Je me suis récemment posée cette question devant l’évolution des messages sur l’alimentation. Avec la tendance “écologique” qui se fait de plus en plus jour, l’urgence de changer nos habitudes, de réduire les émissions de CO2 etc. j’entends de plus en plus souvent un message totalement inattendu par rapport à l’histoire de nos cultures : réduisez votre consommation de viande. Partant de cet effet de surprise, pourrait-on à l’extrême devenir végétarien sans risque pour notre santé ?

1. Être végétarien, qu’est ce que cela implique dans la pratique ?

Être végétarien, cela veut dire ne plus manger de viande, ni de poisson. Certains conservent les crustacés, d’autres non, mais tout le monde est d’accord sur le point que viande et poisson : non. Alors, est-ce difficile ? A la maison, pas vraiment, si vous gérez les courses ou pouvez influer sur les menus, pas de souci ! Le seul problème que vous allez rencontrer est : le restaurant. Beaucoup de restaurants ne proposent pas le moindre plat chaud sans viande ni poisson. Sélectionner un restaurant, nécessitera que vous étudiez la carte à l’avance ou bien que vous expliquiez au serveur votre problème. Avec de la diplomatie, rien n’est impossible. Au pire, invoquez une raison médicale (conseil : dites que vous avez une insuffisance rénale et que vous ne pouvez pas manger de viande ni poisson, ce qui est partiellement vrai), a priori le serveur ne cherchera pas plus loin, si c’est médical, il ne peut pas vraiment vous condamner…
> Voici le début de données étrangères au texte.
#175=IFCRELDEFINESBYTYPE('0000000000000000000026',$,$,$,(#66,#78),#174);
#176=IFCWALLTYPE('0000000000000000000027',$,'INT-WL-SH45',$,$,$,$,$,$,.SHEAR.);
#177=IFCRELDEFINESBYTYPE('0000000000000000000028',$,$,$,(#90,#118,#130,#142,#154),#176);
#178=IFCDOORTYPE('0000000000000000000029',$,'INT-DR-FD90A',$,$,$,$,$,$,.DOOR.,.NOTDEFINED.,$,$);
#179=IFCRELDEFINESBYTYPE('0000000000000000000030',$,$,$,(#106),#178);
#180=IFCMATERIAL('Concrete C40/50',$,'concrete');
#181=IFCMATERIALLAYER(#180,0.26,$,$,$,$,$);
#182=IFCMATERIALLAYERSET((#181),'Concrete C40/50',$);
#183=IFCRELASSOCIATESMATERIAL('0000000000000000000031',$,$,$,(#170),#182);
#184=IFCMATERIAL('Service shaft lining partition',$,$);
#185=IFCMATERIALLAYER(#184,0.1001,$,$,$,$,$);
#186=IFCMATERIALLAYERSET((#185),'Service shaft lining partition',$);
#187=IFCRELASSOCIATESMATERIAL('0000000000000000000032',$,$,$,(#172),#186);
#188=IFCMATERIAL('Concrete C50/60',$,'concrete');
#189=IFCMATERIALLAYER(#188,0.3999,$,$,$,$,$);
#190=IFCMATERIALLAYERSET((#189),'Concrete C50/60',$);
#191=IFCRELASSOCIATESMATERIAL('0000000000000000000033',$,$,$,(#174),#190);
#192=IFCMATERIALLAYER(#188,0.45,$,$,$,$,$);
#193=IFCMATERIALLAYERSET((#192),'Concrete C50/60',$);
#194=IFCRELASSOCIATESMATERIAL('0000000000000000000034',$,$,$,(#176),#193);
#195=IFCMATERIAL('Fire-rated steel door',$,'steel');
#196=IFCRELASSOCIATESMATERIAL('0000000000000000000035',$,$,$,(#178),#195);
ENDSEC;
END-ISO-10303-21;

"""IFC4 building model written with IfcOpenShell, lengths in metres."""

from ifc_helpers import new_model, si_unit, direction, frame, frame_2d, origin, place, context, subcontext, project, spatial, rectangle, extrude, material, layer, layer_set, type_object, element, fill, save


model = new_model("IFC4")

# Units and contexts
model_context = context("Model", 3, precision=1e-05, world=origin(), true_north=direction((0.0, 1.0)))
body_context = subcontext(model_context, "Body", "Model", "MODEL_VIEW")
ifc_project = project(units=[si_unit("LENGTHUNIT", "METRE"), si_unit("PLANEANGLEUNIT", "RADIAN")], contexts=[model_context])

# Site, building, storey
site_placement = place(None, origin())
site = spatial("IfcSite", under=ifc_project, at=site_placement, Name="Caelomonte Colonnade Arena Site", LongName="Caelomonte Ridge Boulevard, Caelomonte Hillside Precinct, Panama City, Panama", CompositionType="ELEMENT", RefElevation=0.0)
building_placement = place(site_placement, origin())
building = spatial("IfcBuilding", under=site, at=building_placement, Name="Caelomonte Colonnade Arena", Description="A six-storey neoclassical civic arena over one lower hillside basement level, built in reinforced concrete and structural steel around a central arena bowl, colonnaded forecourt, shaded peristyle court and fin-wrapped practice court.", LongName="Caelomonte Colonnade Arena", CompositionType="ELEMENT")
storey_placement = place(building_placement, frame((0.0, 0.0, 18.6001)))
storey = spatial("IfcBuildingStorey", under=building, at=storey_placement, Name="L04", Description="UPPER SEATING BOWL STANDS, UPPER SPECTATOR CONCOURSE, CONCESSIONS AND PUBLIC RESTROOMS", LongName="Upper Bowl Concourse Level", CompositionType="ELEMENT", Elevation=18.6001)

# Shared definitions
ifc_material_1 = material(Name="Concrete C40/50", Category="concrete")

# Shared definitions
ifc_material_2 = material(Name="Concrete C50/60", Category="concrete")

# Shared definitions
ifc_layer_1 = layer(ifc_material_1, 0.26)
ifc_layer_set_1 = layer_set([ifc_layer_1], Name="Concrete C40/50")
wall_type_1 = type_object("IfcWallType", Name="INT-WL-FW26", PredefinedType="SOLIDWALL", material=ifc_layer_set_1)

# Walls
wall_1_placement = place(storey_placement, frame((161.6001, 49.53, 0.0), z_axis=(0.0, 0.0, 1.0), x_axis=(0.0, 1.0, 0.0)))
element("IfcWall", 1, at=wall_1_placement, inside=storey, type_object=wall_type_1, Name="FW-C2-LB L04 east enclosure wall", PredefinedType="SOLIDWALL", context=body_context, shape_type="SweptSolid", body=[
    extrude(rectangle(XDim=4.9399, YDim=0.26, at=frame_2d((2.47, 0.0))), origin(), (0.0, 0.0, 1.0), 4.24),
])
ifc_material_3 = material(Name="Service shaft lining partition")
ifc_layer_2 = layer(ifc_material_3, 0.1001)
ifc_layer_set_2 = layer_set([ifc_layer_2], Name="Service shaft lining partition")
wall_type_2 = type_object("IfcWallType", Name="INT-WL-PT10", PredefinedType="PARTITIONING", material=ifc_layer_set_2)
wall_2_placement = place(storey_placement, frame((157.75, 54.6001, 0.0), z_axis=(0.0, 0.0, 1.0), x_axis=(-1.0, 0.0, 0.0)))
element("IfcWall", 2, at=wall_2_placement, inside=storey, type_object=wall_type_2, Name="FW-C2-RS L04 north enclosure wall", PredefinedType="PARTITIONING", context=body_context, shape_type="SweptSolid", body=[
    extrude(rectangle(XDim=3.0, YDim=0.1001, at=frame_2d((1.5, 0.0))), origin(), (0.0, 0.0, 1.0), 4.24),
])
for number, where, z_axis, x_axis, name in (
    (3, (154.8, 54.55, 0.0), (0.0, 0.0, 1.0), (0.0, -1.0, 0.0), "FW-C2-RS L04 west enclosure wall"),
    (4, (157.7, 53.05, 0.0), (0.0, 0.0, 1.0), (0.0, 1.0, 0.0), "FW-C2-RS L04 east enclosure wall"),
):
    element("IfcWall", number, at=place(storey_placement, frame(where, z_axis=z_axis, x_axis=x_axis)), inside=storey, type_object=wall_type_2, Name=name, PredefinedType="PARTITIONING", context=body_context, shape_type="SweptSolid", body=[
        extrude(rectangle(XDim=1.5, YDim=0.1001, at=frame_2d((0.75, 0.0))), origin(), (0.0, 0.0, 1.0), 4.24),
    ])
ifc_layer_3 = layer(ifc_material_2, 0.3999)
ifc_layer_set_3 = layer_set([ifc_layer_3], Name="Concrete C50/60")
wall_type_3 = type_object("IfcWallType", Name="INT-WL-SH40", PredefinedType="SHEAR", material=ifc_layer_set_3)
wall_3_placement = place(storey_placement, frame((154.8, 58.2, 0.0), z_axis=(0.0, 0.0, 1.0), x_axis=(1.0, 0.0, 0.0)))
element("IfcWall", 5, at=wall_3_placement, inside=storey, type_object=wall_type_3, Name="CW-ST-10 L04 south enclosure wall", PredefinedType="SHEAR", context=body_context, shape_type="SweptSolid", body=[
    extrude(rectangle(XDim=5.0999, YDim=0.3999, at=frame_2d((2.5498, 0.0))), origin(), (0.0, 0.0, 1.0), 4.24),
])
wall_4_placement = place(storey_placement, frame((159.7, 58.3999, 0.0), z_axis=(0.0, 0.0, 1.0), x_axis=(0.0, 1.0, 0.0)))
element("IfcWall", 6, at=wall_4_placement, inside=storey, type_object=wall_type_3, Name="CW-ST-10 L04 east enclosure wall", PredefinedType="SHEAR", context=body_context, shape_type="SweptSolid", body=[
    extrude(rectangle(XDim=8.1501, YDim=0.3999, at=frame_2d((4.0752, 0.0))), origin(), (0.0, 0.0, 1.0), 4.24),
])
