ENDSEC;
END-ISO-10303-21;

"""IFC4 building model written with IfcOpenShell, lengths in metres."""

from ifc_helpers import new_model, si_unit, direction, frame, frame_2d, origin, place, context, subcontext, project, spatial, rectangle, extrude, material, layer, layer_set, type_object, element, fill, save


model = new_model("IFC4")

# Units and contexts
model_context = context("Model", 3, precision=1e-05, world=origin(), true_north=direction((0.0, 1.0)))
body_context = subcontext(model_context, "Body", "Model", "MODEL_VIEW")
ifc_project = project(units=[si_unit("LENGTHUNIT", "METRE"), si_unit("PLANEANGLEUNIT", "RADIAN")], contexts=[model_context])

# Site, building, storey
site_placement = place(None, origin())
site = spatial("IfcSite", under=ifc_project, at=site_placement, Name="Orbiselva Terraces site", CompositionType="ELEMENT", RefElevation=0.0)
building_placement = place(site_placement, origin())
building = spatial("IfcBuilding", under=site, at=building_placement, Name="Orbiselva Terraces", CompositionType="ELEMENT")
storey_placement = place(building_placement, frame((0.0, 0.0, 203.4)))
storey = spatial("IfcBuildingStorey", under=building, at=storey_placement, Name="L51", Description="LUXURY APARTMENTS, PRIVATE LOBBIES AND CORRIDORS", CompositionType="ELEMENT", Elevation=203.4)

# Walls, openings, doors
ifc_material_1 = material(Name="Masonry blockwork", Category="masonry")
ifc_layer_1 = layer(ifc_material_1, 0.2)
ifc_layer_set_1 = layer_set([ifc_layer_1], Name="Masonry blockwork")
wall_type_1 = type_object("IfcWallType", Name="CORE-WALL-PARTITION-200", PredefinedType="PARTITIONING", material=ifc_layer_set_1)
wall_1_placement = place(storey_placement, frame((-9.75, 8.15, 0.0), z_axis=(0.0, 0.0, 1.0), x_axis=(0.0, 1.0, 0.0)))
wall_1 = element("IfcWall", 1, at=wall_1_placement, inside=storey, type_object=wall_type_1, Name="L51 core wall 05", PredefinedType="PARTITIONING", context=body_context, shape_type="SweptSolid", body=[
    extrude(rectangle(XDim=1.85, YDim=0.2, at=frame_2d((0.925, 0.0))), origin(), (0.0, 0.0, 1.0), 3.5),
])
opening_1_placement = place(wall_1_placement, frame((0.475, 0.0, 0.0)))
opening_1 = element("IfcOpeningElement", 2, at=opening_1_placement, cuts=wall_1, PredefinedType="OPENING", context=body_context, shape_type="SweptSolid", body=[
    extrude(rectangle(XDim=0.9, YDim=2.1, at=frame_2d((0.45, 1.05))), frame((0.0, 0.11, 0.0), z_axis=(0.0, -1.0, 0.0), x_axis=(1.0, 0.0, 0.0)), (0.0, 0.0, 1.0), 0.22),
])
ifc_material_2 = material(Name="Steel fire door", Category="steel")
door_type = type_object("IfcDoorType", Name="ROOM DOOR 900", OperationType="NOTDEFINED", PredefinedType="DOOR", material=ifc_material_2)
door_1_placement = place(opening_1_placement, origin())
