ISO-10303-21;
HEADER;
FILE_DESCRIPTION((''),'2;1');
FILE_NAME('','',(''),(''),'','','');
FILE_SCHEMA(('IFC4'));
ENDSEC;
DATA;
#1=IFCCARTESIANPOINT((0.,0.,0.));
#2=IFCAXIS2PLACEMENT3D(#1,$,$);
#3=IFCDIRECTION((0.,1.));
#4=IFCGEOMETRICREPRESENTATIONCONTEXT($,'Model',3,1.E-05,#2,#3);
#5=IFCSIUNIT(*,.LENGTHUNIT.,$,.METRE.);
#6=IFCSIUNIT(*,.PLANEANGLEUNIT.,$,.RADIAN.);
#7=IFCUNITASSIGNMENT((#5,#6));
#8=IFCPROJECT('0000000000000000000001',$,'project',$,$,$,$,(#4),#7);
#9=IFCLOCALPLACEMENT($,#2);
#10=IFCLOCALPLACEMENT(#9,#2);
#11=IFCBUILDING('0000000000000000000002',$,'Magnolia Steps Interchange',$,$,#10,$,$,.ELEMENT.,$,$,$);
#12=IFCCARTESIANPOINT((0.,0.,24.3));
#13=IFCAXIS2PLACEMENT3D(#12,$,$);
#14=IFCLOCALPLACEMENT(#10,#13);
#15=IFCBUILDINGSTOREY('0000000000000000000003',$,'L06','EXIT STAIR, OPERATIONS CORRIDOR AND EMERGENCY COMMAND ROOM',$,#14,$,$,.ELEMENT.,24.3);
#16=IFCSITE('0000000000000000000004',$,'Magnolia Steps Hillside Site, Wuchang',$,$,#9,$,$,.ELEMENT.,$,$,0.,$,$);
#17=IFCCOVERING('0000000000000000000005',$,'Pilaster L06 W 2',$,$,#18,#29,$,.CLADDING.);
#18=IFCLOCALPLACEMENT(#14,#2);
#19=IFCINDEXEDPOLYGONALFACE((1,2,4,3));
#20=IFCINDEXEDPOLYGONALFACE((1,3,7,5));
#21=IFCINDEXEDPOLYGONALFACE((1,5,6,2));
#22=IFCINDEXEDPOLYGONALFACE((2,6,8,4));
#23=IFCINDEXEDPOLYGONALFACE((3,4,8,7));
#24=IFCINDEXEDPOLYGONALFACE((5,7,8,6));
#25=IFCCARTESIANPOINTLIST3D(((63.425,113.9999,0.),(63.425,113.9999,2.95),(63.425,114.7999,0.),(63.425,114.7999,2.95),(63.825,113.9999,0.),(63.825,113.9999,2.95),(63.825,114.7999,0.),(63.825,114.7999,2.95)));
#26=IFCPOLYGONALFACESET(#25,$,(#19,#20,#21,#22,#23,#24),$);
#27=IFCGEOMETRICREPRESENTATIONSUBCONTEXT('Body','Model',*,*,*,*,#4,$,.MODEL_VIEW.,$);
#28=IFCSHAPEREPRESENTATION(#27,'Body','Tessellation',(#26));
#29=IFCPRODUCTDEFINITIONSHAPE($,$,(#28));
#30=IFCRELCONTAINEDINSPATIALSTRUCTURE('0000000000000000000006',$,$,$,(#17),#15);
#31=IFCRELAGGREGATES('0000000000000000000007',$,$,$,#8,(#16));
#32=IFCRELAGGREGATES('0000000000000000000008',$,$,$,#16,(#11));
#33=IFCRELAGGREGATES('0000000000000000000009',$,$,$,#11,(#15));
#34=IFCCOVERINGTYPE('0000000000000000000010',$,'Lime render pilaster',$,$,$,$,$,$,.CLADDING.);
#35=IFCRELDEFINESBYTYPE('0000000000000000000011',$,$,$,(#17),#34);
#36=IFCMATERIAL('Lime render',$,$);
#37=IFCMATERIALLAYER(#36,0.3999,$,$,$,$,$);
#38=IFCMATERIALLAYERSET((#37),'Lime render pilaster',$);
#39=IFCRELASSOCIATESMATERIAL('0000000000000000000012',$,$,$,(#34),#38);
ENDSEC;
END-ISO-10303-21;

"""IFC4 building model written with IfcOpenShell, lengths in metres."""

from ifc_helpers import new_model, si_unit, direction, frame, origin, origin_2d, place, context, subcontext, project, spatial, rectangle, extrude, material, layer, layer_set, type_object, element, save


model = new_model("IFC4")

# Units and contexts
model_context = context("Model", 3, precision=1e-05, world=origin(), true_north=direction((0.0, 1.0)))
body_context = subcontext(model_context, "Body", "Model", "MODEL_VIEW")
ifc_project = project(units=[si_unit("LENGTHUNIT", "METRE"), si_unit("PLANEANGLEUNIT", "RADIAN")], contexts=[model_context])

# Site, building, storey
site_placement = place(None, origin())
site = spatial("IfcSite", under=ifc_project, at=site_placement, Name="Magnolia Steps Hillside Site, Wuchang", CompositionType="ELEMENT", RefElevation=0.0)
building_placement = place(site_placement, origin())
building = spatial("IfcBuilding", under=site, at=building_placement, Name="Magnolia Steps Interchange", CompositionType="ELEMENT")
storey_placement = place(building_placement, frame((0.0, 0.0, 24.3)))
storey = spatial("IfcBuildingStorey", under=building, at=storey_placement, Name="L06", Description="EXIT STAIR, OPERATIONS CORRIDOR AND EMERGENCY COMMAND ROOM", CompositionType="ELEMENT", Elevation=24.3)

# Covering
ifc_material_1 = material(Name="Lime render")
ifc_layer_1 = layer(ifc_material_1, 0.3999)
ifc_layer_set_1 = layer_set([ifc_layer_1], Name="Lime render pilaster")
covering_type_1 = type_object("IfcCoveringType", Name="Lime render pilaster", PredefinedType="CLADDING", material=ifc_layer_set_1)
for number, where, z_axis, x_axis, name in (
    (1, (63.625, 114.3999, 0.0), (0.0, 0.0, 1.0), (1.0, 0.0, 0.0), "Pilaster L06 W 2"),
):
    element("IfcCovering", number, at=place(storey_placement, frame(where, z_axis=z_axis, x_axis=x_axis)), inside=storey, type_object=covering_type_1, Name=name, PredefinedType="CLADDING", context=body_context, shape_type="SweptSolid", body=[
        extrude(rectangle(XDim=0.3999, YDim=0.8, at=origin_2d()), origin(), (0.0, 0.0, 1.0), 2.95),
    ])

save(model, "model.ifc")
2. Je ne risque pas d’avoir des carences si je deviens végétarien ?

Sur ce point, je dois dire qu’il y a divergence entre mes cours et ce qui semble être dans la réalité. Nos livres de cours, relativement simplifiés pour notre compréhension, ne sont pas très détaillés sur l’alimentation. Le problème, étant que par la suite, peu de médecins s’y intéressent spontanément, ils vont donc garder les a priori qu’ils ont eu par le biais de leurs cours, sans chercher plus loin. En conséquence, bon nombre de médecins pensent qu’une alimentation végétarienne = carences multiples… et bon nombre de citoyens, pensent la même chose !

Être végétarien n’entraine pas de carences en quoi que ce soit… si vous avez pris soin d’apprendre quelques règles de base : savoir ce qu’on mange et comment remplacer ce qu’on ne mange plus. En pratique, ce n’est pas si compliqué.

Première erreur à ne pas faire : ne pas remplacer ce qu’on ne mange plus !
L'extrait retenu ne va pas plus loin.